People with noisy cars and motorbikes could be handed fines under a new government trial of ‘noise camera’ technology.

The Department for Transport announced a seven-month trial for the prototype technology, which monitors the sound levels of vehicles to detect those that are breaking legal noise limits.

The system being developed, which may be rolled out across the UK if the trials are successful, combines a microphone with camera-based automated number plate recognition to help track noisy vehicles.

The technology will be trialled at several locations over the coming months.

Transport secretary Chris Grayling said the system would help to tackle “boy racers” who rev engines on their cars and bikes.

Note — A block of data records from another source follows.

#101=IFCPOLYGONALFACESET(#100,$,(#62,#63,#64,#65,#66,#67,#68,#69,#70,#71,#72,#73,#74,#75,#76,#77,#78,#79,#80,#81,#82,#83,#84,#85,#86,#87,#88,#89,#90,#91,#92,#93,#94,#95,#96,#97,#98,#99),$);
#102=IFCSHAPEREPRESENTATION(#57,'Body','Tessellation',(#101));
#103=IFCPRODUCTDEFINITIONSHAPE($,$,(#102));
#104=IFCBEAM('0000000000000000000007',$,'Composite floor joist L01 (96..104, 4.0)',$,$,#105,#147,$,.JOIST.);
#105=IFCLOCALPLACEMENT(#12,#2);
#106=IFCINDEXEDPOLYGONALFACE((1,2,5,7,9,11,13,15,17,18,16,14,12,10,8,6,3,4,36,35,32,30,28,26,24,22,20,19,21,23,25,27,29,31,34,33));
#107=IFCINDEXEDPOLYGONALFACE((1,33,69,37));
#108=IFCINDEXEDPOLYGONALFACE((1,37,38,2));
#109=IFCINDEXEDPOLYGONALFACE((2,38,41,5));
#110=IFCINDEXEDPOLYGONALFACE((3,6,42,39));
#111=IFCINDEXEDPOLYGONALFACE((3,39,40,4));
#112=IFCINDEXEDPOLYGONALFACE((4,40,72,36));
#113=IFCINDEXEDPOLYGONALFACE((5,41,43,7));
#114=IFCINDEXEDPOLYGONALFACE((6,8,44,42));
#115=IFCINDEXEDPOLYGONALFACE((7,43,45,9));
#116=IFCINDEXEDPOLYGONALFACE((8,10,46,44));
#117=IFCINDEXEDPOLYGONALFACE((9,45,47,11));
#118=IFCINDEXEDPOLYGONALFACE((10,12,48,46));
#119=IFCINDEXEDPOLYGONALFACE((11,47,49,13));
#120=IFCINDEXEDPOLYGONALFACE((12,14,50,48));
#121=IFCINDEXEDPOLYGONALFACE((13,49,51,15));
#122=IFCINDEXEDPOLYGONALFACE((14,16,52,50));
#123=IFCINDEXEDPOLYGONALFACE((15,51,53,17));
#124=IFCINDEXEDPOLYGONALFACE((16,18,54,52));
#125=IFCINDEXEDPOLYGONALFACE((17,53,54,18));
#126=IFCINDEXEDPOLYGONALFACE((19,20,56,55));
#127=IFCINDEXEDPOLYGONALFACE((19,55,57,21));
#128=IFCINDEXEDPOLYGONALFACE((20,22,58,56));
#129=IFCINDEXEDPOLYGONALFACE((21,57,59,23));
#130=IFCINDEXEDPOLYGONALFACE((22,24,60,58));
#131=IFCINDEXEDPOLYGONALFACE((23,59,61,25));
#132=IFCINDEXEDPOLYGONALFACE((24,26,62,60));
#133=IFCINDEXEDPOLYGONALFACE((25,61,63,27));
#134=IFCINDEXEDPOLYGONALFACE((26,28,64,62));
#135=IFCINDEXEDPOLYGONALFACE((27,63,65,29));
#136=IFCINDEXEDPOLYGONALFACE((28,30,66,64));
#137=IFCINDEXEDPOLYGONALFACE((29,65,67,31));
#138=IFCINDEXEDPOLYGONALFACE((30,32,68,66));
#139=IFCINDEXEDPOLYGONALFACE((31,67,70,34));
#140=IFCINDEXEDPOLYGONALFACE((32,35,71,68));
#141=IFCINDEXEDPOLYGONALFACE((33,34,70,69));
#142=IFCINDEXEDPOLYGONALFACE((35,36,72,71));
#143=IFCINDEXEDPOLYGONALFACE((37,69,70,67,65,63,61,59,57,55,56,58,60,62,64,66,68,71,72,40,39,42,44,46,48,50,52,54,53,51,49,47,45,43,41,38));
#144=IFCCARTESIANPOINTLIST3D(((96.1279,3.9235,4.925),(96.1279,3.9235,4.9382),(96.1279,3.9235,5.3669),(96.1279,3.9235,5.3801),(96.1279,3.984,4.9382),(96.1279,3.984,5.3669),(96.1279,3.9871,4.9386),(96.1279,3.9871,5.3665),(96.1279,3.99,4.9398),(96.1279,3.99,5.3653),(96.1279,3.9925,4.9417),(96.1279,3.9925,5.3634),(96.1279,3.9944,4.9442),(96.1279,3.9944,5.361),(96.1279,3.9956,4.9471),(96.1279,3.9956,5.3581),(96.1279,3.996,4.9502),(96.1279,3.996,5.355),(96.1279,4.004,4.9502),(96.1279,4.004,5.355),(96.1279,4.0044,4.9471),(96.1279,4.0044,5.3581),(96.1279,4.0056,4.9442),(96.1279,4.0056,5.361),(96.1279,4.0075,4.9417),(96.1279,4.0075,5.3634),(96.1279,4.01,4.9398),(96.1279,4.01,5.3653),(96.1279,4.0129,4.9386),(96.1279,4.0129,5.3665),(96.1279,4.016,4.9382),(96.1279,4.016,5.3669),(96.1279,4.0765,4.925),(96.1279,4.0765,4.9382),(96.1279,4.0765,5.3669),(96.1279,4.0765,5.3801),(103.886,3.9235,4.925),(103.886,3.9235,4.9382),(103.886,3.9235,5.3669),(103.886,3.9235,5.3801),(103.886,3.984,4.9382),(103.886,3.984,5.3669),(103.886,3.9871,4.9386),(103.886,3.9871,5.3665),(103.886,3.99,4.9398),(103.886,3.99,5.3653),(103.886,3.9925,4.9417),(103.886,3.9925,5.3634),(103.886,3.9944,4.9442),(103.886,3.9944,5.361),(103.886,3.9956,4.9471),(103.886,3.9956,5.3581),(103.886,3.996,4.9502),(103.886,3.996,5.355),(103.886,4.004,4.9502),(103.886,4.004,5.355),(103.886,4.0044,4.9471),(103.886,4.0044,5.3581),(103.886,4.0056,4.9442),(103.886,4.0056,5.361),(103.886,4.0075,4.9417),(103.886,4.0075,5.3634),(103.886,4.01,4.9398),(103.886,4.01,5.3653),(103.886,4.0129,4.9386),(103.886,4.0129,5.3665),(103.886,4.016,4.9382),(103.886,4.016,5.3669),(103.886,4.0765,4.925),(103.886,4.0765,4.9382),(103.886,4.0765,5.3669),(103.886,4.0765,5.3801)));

“I am determined to crack down on the nuisance drivers who blight our streets.”

He said “Noise pollution makes the lives of people in communities across Britain an absolute misery and has very serious health impacts.

“This is why I am determined to crack down on the nuisance drivers who blight our streets.

“New technology will help us lead the way in making our towns and cities quieter, and I look forward to seeing how these exciting new cameras could work.”

The Department for Transport clarified that the system is “not intended to target law-abiding drivers, but those who are flouting laws around noise.”

Laws states that vehicles must legally meet strict noise limits before they are allowed on the road.

Police already have the power to seize vehicles that are being driven in an “anti-social manner” and impose fines of up to £5,000 for those who fail to comply with noise abatement notices.

High levels of noise pollution have been linked to a number of health issues including heart disease and type 2 diabetes.

In 2018, researchers from Germany’s Johannes Gutenberg University of Mainz found that transport noise contributes to the development of heart disease risk factors.

Their study, published in the Journal of the American College of Cardiology, called for new strategies to “help in reducing hazardous noise” in urban areas.

Thomas Munzel, director of the university’s Department of Internal Medicine, said that “as the percentage of the population exposed to detrimental levels of transportation noise are rising, new developments and legislation to reduce noise are important for public health.”

CEO of the Motorcycle Industry Association, Tony Campbell, said: “With growing pressure on the environment, including noise pollution, illegal exhausts fitted by some riders attract unwanted attention to the motorcycle community and do nothing to promote the many benefits motorcycles can offer.

“All manufacturers produce new motorcycles that follow strict regulations regarding noise and emissions and we welcome these trials as a potential way of detecting excessive noise in our community.”